Embargo dopo embargo siamo arrivati alla disamina totale del multiplayer di Battlefield 1 dopo averlo solo scalfito con l'inedita modalità Operazioni. La recensione vera e propria col voto finale arriverà domani alle 12, quando completeremo la nostra copertura del gioco parlando della campagna single player.
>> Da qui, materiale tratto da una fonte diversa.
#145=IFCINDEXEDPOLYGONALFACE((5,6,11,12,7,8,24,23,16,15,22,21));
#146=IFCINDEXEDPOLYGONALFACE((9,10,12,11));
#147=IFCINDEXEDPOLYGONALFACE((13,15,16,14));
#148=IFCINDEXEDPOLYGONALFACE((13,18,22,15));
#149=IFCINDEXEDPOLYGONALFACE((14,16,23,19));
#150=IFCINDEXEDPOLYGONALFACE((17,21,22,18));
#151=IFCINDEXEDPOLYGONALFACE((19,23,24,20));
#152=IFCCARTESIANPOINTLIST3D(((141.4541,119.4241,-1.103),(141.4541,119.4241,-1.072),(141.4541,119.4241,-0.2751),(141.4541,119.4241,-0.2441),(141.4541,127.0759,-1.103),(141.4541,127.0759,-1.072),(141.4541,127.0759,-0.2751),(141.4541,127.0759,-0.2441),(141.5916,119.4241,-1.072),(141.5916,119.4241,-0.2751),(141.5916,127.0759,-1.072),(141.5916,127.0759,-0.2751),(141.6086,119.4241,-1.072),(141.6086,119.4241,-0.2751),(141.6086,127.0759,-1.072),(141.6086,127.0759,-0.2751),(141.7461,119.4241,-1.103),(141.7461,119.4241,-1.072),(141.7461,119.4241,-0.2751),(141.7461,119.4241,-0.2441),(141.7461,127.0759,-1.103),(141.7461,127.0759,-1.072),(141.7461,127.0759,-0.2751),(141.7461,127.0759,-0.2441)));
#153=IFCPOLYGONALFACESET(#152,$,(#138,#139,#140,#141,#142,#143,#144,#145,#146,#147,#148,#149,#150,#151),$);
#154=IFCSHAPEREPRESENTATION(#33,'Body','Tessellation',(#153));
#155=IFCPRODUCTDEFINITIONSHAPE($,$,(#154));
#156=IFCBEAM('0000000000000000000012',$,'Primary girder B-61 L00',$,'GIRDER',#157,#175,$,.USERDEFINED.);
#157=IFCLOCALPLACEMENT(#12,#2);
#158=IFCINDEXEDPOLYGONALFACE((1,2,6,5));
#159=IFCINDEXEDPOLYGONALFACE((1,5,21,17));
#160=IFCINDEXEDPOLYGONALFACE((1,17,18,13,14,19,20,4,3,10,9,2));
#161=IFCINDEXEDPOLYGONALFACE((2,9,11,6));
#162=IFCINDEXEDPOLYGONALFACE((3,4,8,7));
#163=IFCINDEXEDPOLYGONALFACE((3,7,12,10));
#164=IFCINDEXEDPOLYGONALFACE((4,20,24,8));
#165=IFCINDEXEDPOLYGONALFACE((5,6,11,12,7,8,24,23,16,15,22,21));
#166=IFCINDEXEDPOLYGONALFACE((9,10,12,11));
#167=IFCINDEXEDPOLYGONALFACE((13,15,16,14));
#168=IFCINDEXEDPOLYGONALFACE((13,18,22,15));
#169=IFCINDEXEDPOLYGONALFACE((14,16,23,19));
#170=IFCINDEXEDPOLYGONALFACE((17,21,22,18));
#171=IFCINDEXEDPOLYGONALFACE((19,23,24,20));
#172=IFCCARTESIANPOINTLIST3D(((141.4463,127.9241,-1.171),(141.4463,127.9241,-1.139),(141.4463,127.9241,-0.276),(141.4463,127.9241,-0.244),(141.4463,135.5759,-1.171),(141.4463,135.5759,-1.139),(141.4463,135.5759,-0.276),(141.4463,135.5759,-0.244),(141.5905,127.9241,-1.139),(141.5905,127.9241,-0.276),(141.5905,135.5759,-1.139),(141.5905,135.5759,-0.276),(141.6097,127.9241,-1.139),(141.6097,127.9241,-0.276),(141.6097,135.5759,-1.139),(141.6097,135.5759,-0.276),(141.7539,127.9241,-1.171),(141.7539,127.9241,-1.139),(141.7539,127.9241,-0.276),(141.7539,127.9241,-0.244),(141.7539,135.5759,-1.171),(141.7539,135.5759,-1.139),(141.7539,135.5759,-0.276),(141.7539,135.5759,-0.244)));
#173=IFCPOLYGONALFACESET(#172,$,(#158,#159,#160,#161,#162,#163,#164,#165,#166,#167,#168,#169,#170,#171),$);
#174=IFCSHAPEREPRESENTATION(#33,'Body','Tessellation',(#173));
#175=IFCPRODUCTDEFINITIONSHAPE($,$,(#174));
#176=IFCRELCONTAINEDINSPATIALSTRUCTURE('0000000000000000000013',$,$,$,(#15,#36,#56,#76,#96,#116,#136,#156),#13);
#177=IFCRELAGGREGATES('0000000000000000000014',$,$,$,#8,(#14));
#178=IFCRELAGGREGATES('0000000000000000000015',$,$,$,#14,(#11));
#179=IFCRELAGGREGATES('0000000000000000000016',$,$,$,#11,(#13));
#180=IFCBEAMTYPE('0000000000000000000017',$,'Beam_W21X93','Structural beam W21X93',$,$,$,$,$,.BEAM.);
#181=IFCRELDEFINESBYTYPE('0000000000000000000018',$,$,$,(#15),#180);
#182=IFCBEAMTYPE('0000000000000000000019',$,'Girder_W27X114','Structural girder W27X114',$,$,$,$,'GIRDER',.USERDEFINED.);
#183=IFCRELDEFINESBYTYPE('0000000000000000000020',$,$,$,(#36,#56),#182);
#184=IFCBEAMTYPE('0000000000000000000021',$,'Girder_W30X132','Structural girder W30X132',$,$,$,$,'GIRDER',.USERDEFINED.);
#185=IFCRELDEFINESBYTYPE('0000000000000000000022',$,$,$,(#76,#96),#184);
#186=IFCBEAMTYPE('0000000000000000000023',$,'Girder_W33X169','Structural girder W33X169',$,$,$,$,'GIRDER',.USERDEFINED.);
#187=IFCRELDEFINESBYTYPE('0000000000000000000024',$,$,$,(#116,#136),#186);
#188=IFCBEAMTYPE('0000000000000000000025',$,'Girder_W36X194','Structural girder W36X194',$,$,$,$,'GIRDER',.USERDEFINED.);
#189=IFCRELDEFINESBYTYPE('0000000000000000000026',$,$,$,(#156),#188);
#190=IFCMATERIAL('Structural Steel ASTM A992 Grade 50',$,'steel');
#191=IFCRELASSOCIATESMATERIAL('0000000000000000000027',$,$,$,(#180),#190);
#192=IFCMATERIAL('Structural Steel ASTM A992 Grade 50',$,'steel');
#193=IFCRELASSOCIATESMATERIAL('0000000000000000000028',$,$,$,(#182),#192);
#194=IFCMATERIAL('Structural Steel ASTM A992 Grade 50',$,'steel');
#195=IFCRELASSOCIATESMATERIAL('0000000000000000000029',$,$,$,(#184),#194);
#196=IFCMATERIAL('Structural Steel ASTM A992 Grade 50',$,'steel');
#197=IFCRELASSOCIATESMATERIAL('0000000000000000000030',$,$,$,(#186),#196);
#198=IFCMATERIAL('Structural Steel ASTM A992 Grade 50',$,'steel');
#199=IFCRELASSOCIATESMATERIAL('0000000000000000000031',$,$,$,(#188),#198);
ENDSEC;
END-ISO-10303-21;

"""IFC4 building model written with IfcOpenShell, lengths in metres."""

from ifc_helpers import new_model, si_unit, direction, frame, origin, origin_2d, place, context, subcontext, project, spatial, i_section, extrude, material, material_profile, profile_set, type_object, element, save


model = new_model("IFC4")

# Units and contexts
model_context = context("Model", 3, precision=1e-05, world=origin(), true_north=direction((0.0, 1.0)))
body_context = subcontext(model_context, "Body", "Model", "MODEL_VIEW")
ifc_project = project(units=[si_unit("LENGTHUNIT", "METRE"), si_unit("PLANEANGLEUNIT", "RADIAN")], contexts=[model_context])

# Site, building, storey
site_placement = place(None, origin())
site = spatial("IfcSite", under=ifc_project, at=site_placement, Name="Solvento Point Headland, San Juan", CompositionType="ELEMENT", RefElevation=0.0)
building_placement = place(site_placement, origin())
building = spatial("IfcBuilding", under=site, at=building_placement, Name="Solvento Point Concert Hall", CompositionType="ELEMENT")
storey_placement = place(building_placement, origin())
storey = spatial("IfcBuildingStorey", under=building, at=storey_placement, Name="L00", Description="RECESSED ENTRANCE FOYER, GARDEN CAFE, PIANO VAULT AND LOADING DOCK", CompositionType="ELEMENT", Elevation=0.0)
Dopo aver spiegato in maniera corposa l'inedita modalità Operazioni nel nostro precedente articolo di quattro giorni fa, è giunto il momento di scrivere del multiplayer tout-court, delle sue caratteristiche e dei contenuti che offre. Il setting della prima guerra mondiale non ha stravolto le meccaniche classiche del titolo, rimaste inalterate e rese per certi versi più immediate e accessibili, pur rimanendo punitive se giocate alla leggera, a tutto vantaggio della dottrina cooperativa del gioco. Battlefield 1 non mette in scena la statica guerra di posizione che ha caratterizzato buona parte della guerra del 1914-1918, ma la piega alle sue caratteristiche, centrandone però lo spirito e l'atmosfera. È quindi un Battlefield al cento percento, con tutti i suoi tanti punti di forza e qualche debolezza. Fucili a colpo singolo, biplani e pachidermici carri armati non fanno per nulla rimpiangere lanciarazzi a ricerca, fucili d'assalto, jet e tecnologici tank con la telecamera per la visione notturna.
Continua la marcia verso la recensione di Battlefield 1: oggi tocca al multiplayer!
Rispetto dei ruoli, sempre!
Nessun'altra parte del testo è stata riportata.